Well, sorry, I suggest there is no such thing.

A human being relies totally, entirely and absolutely on their brain to process signals. Observations, smells, sounds, touch…and intentions, desires, choices.

If a part of your brain is dying or dead you cannot do anything about it. You can’t carry out its function. It’s impossible. You can’t self manage it. You can’t make sure you take the right pills, or walk 10,000 steps a day, or even eat and drink regularly, if the parts of the brain that carry out the functions associated with those actions are destroyed.

If you’ve done the dementia friends awareness session, you’ll have a good idea of how many different brain functions and decisions are involved in just making a cup of tea.


So I contend that people should be supported not to manage their dementia but to live as well as is possible with dementia. This is about support. Not self management.

Self management is usually described as being about getting the right information in the right format at the right time, and a shared care plan (please let’s say living plan), and attending courses and peer groups. These are good and useful, and can be effective as long as the patient is “activated” to self manage.

But dementia is different. Information is good but doesn’t per se help you to live well…it helps you understand what is wrong with you. A shared living plan is good, but doesn’t per se help you to live well…it helps you know what you want and need. Peer groups are helpful if you find the group that suits you, where you can talk and listen to people you choose. But dementia peer groups tend to be full of people who are relatively advanced on their journeys. ..and they all have dementia, which you may not want to be surrounded by.

So here are the three things that I suggest will provide support for people living with dementia to live well. You can call this self management if you like. Or you can call it support. Or you can call it great care.

First, people living with dementia need a person they know well to talk to, to help them with difficult things, to accompany them when necessary. On bad days. To hospital appointments. On a day out. One person they trust, who understands them, and knows their individual circumstances and needs, and knows what makes them smile and want to get up in the morning. A dementia support worker, for example, or a key worker, who stays with them throughout their journey.

I don’t mean a family carer. They of course need support too, and peer groups, and activities, and respite, and advice, and a listening ear, such as an admiral nurse.

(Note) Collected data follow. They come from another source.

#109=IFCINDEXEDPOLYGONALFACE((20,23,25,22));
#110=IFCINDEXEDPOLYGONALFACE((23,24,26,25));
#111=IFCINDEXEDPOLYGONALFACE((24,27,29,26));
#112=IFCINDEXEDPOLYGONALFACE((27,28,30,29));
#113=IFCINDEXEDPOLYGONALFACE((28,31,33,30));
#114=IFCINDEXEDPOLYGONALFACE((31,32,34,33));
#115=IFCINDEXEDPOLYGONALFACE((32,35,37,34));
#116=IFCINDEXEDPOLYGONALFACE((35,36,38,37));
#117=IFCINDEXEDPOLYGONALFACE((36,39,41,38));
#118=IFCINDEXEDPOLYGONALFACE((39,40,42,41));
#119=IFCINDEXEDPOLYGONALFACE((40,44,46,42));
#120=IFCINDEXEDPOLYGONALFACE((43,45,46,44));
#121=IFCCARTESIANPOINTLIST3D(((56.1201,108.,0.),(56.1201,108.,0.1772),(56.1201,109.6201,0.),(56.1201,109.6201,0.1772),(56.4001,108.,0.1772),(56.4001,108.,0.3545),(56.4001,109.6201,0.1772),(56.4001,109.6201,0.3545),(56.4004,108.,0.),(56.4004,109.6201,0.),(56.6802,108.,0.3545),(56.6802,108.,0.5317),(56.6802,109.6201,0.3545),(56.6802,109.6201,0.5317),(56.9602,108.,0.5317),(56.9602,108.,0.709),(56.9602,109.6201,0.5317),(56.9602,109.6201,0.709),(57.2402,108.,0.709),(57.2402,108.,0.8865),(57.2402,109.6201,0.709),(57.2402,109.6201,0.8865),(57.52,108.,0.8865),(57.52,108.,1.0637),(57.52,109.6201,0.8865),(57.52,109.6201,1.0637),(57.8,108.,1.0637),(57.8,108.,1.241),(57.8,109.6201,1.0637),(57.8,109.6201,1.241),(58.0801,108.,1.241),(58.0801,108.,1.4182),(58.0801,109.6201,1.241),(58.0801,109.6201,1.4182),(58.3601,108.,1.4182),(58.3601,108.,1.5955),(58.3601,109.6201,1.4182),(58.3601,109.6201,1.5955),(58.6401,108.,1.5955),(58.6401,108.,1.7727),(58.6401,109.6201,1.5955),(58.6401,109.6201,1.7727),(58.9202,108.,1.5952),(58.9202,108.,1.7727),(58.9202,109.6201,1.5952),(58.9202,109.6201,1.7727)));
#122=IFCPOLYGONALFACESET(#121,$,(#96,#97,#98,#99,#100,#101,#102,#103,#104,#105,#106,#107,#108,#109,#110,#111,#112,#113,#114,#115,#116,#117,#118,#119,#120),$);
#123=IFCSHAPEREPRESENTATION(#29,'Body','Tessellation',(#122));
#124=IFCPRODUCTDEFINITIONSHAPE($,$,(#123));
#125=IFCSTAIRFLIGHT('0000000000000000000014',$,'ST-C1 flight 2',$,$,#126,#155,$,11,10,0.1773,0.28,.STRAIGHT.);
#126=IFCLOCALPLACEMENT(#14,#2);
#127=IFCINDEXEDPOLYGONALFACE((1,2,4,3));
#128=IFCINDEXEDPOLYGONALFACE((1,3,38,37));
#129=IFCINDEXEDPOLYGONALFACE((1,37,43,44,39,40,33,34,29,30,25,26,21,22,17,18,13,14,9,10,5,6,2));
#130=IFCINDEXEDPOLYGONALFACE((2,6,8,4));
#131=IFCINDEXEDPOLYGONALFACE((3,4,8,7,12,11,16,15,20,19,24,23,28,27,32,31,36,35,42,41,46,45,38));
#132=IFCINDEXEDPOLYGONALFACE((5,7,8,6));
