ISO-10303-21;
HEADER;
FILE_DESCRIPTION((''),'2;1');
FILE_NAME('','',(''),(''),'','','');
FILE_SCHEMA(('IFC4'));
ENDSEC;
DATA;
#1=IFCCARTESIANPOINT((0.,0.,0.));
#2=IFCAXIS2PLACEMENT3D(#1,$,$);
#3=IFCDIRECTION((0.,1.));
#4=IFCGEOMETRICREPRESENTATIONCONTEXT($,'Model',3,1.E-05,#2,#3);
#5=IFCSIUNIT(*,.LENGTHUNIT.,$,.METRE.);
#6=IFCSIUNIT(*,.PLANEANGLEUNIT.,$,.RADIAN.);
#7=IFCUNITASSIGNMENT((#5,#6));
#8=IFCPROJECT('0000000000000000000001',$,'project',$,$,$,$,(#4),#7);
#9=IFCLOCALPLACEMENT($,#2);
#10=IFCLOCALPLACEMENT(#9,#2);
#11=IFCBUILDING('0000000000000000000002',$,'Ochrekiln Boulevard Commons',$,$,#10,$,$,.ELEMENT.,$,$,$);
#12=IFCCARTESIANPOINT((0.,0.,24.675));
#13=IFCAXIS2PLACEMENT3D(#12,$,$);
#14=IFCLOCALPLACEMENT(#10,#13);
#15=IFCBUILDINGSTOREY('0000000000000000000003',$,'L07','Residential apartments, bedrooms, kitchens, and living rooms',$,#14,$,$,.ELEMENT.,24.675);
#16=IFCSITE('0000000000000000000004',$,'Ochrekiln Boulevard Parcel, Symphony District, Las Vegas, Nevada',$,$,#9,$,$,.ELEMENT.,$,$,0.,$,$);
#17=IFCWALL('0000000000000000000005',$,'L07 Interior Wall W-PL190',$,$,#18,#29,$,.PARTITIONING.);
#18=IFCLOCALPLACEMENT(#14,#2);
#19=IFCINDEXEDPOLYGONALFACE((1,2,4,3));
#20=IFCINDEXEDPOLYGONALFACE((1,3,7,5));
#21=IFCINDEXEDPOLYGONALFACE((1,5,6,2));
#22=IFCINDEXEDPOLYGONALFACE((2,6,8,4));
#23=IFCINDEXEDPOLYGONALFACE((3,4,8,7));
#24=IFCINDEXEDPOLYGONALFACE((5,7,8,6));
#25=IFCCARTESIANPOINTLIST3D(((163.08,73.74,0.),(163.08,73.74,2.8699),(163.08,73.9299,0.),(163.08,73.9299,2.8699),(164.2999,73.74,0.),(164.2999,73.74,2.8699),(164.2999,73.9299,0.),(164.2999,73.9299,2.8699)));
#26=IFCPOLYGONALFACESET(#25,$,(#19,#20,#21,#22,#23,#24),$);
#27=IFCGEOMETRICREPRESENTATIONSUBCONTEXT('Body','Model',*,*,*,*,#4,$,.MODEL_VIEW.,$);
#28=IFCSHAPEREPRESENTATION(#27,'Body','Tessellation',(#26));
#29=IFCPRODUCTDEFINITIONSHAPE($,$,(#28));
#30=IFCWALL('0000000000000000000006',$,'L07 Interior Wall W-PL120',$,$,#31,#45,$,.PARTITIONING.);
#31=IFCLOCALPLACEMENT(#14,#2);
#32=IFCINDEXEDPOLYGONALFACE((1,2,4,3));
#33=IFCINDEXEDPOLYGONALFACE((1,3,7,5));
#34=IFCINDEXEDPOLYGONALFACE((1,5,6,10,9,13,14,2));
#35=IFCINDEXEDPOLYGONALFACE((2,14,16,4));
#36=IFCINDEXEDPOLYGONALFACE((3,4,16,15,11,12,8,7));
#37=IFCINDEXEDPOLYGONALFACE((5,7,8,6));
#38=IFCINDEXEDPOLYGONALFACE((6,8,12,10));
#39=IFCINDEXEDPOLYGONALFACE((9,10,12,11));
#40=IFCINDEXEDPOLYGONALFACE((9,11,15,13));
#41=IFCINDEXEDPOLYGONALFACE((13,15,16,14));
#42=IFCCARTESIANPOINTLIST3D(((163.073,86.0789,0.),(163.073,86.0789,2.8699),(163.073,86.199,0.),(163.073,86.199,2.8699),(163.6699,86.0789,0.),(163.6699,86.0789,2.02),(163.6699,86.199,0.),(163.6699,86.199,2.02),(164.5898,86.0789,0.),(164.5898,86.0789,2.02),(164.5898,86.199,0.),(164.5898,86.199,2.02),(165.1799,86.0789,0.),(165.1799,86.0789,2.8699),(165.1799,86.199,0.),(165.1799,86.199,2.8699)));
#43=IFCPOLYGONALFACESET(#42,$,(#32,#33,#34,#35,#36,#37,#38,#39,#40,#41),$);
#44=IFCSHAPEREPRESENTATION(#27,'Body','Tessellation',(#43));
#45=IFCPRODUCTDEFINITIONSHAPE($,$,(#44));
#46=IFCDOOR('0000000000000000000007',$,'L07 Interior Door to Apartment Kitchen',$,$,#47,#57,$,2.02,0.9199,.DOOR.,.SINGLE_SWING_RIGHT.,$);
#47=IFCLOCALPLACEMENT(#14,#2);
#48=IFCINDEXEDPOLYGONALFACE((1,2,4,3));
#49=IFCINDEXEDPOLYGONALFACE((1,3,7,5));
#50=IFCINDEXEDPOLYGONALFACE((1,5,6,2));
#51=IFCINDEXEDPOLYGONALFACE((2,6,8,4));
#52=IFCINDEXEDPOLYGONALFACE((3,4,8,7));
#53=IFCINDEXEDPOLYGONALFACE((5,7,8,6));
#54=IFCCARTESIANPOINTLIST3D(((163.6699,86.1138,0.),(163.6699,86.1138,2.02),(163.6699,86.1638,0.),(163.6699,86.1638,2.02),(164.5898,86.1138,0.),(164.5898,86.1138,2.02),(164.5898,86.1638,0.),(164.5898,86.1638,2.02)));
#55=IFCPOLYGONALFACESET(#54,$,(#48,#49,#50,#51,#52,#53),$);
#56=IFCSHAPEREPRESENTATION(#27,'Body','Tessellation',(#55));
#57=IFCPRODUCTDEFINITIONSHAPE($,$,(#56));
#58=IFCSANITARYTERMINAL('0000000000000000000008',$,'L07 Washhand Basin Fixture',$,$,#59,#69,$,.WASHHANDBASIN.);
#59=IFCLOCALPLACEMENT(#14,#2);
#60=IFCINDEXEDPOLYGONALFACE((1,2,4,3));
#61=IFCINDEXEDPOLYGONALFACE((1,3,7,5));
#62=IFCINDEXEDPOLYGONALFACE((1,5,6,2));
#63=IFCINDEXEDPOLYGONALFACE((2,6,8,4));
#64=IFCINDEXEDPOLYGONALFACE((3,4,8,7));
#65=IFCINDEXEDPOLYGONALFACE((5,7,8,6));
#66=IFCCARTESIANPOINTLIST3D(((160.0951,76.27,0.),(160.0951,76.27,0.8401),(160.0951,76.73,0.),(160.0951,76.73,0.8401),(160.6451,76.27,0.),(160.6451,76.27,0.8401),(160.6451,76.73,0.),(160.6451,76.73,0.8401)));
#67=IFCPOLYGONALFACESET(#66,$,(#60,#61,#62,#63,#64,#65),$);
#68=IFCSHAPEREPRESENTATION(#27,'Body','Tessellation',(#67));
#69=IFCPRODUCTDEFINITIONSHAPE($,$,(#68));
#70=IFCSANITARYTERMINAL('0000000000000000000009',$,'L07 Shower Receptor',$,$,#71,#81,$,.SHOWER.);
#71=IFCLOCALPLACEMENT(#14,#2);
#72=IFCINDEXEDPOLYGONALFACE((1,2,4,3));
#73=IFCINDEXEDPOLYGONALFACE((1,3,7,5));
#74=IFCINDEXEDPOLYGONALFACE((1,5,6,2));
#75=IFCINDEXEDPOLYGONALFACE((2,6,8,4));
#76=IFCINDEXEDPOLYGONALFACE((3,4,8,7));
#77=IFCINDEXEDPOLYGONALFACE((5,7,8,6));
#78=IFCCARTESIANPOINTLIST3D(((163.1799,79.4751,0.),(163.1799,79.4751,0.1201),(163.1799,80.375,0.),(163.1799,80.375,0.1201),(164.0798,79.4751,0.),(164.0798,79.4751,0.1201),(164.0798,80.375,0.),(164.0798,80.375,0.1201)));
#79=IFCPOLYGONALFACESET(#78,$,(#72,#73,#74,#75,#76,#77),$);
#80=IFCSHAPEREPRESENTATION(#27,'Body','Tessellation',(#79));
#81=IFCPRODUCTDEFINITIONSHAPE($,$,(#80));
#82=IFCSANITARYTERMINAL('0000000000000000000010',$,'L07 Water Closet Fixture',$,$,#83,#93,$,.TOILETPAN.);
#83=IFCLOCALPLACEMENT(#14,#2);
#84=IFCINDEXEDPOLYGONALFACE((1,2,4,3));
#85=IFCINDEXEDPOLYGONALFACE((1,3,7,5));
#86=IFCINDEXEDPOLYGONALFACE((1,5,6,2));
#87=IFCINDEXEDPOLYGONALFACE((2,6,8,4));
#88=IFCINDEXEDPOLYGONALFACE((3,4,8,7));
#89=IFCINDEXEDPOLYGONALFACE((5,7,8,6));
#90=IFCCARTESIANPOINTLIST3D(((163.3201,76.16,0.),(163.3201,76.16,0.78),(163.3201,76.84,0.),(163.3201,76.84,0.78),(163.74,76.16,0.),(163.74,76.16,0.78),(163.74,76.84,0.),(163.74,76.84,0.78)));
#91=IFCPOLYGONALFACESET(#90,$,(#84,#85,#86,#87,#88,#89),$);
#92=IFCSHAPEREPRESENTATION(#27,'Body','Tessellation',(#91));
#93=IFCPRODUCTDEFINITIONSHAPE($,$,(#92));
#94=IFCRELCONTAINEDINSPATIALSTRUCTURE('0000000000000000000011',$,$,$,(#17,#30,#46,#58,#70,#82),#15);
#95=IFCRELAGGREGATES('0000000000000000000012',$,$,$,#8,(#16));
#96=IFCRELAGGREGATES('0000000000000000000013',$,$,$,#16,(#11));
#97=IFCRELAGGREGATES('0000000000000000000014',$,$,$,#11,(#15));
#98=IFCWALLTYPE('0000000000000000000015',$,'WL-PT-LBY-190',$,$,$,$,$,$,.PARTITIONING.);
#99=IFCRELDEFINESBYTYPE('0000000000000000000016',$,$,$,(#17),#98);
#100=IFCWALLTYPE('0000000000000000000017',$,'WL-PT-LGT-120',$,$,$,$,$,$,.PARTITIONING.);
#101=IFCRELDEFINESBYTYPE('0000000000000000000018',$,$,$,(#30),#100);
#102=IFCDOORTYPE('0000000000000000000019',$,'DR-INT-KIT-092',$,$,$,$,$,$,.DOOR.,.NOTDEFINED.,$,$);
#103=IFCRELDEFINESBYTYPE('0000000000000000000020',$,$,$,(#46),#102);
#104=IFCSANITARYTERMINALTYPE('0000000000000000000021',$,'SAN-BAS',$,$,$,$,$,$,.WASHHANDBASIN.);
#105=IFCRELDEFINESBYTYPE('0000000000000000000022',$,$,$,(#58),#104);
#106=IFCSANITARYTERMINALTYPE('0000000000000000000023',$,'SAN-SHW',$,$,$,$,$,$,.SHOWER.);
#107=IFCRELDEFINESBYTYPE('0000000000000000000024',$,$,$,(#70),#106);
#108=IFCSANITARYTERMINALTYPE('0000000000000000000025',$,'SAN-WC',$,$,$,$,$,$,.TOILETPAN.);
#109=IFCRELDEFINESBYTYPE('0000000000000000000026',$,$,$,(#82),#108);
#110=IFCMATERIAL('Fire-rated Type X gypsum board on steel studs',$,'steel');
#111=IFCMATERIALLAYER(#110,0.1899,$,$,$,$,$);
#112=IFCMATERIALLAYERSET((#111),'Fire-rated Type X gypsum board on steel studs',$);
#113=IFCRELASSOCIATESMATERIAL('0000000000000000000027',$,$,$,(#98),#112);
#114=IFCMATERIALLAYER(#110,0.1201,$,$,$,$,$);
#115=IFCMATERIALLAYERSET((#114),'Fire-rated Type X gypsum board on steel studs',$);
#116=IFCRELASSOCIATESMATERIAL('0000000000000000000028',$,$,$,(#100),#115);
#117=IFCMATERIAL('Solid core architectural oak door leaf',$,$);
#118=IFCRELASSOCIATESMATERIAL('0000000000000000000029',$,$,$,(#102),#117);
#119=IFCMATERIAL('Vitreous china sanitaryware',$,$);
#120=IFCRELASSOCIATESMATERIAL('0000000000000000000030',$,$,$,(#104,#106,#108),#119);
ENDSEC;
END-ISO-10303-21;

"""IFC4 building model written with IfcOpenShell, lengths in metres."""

from ifc_helpers import new_model, si_unit, direction, frame, frame_2d, origin, origin_2d, place, context, subcontext, project, spatial, rectangle, extrude, material, layer, layer_set, type_object, element, fill, save


model = new_model("IFC4")

# Units and contexts
model_context = context("Model", 3, precision=1e-05, world=origin(), true_north=direction((0.0, 1.0)))
body_context = subcontext(model_context, "Body", "Model", "MODEL_VIEW")
ifc_project = project(units=[si_unit("LENGTHUNIT", "METRE"), si_unit("PLANEANGLEUNIT", "RADIAN")], contexts=[model_context])

# Site, building, storey
site_placement = place(None, origin())
site = spatial("IfcSite", under=ifc_project, at=site_placement, Name="Ochrekiln Boulevard Parcel, Symphony District, Las Vegas, Nevada", CompositionType="ELEMENT", RefElevation=0.0)
building_placement = place(site_placement, origin())
building = spatial("IfcBuilding", under=site, at=building_placement, Name="Ochrekiln Boulevard Commons", CompositionType="ELEMENT")
storey_placement = place(building_placement, frame((0.0, 0.0, 24.675)))
storey = spatial("IfcBuildingStorey", under=building, at=storey_placement, Name="L07", Description="Residential apartments, bedrooms, kitchens, and living rooms", CompositionType="ELEMENT", Elevation=24.675)

# Shared definitions
ifc_material_1 = material(Name="Solid core architectural oak door leaf")

# Shared definitions
ifc_material_2 = material(Name="Fire-rated Type X gypsum board on steel studs", Category="steel")

# Wall
ifc_layer_1 = layer(ifc_material_2, 0.1899)
ifc_layer_set_1 = layer_set([ifc_layer_1], Name="Fire-rated Type X gypsum board on steel studs")
wall_type_1 = type_object("IfcWallType", Name="WL-PT-LBY-190", PredefinedType="PARTITIONING", material=ifc_layer_set_1)
wall_1_placement = place(storey_placement, frame((163.0801, 73.835, 0.0), z_axis=(0.0, 0.0, 1.0), x_axis=(1.0, 0.0, 0.0)))
element("IfcWall", 1, at=wall_1_placement, inside=storey, type_object=wall_type_1, Name="L07 Interior Wall W-PL190", PredefinedType="PARTITIONING", context=body_context, shape_type="SweptSolid", body=[
    extrude(rectangle(XDim=1.22, YDim=0.1899, at=frame_2d((0.6099, 0.0))), origin(), (0.0, 0.0, 1.0), 2.8699),
])

# Wall, opening, door
ifc_layer_2 = layer(ifc_material_2, 0.1201)
ifc_layer_set_2 = layer_set([ifc_layer_2], Name="Fire-rated Type X gypsum board on steel studs")
wall_type_2 = type_object("IfcWallType", Name="WL-PT-LGT-120", PredefinedType="PARTITIONING", material=ifc_layer_set_2)
wall_2_placement = place(storey_placement, frame((163.073, 86.1389, 0.0), z_axis=(0.0, 0.0, 1.0), x_axis=(1.0, 0.0, 0.0)))
wall_2 = element("IfcWall", 2, at=wall_2_placement, inside=storey, type_object=wall_type_2, Name="L07 Interior Wall W-PL120", PredefinedType="PARTITIONING", context=body_context, shape_type="SweptSolid", body=[
    extrude(rectangle(XDim=2.1069, YDim=0.1201, at=frame_2d((1.0535, 0.0))), origin(), (0.0, 0.0, 1.0), 2.8699),
])
opening_1_placement = place(wall_2_placement, frame((0.5969, 0.0, 0.0)))
opening_1 = element("IfcOpeningElement", 3, at=opening_1_placement, cuts=wall_2, PredefinedType="OPENING", context=body_context, shape_type="SweptSolid", body=[
    extrude(rectangle(XDim=0.9199, YDim=2.02, at=frame_2d((0.46, 1.01))), frame((0.0, 0.0701, 0.0), z_axis=(0.0, -1.0, 0.0), x_axis=(1.0, 0.0, 0.0)), (0.0, 0.0, 1.0), 0.1401),
])
door_type_1 = type_object("IfcDoorType", Name="DR-INT-KIT-092", OperationType="NOTDEFINED", PredefinedType="DOOR", material=ifc_material_1)
door_1_placement = place(opening_1_placement, origin())
door_1 = element("IfcDoor", 4, at=door_1_placement, inside=storey, type_object=door_type_1, Name="L07 Interior Door to Apartment Kitchen", OperationType="SINGLE_SWING_RIGHT", OverallHeight=2.02, OverallWidth=0.9199, PredefinedType="DOOR", context=body_context, shape_type="SweptSolid", body=[
    extrude(rectangle(XDim=0.9199, YDim=2.02, at=frame_2d((0.46, 1.01))), frame((0.0, 0.0249, 0.0), z_axis=(0.0, -1.0, 0.0), x_axis=(1.0, 0.0, 0.0)), (0.0, 0.0, 1.0), 0.05),
])
fill(opening_1, door_1)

Second, people living with dementia need the technologies that enable them to continue living independently as long as possible and as long as they want to. Automated third party monitoring for safety, movement activated lighting, electronic pill dispensers, water sensors in the bath and kitchen, easy read and easy use gadgets and telephones. iPads to see and speak to family, friends, peer groups, their support worker, their doctors. Loud, spoken reminder systems.


These things can enable a person to live safely with minimal risk, in their own home and their own memories as long as they want to do so. Note that I say with minimal risk. Please let us choose to take risks. Don’t cocoon us in tea, sympathy and clouds of unknowing.

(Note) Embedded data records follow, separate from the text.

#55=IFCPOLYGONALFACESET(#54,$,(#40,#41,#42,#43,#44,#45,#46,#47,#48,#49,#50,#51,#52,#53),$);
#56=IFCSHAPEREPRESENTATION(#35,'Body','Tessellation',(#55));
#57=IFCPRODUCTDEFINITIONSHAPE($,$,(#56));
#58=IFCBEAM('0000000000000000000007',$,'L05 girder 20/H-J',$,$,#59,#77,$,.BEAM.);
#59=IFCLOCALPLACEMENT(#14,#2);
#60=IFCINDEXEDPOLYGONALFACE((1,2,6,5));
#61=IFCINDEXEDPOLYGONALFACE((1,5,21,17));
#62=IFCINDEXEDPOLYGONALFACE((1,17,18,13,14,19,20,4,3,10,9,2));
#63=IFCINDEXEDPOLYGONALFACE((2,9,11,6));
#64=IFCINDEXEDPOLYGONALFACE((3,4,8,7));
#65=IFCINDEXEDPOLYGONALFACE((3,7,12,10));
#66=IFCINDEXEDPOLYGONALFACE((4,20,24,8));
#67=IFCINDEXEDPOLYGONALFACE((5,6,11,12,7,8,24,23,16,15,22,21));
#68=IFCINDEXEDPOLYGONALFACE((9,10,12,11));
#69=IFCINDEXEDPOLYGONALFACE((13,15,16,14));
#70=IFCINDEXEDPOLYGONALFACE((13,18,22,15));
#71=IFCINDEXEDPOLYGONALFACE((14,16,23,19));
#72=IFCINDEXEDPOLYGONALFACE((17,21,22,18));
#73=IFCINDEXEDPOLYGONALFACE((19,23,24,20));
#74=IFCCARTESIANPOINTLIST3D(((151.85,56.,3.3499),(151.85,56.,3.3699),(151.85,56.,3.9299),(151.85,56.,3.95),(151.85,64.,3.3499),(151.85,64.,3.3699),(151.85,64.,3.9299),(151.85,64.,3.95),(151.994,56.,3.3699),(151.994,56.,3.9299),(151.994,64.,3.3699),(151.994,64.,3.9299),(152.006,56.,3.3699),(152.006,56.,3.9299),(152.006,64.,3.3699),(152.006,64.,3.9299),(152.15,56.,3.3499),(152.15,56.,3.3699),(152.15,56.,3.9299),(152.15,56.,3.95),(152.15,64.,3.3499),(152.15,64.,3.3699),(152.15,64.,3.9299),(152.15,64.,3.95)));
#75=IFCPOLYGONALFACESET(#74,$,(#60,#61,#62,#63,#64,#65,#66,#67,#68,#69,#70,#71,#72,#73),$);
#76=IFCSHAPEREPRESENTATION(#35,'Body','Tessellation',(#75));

Third, they need communities which are dementia friendly. Where medical and social care staff behave in ways which recognise the different needs of people whose brains are damaged and who do not present “challenging behaviour” but are merely frightened and disorientated.

Communities where shop keepers, bus drivers, train staff, taxi drivers smile, look at you when speaking, ask if you want any help, speak a little more slowly, and allow you time to collect your thoughts.

Communities where people living with dementia or any other disease are welcomed into activity groups, shops, libraries, just like anyone else, and where people just help each other to enjoy their company.

Communities where dementia is no more than a disease, like cancer, or Crohn’s disease, or diabetes, and where people aren’t frightened of talking about it.

These three elements are keys to continuing to live well with a disease that is going progressively to make living more difficult. They won’t stop the disease. Or cure it.

But they will provide support for a person living with dementia to manage living and to live well.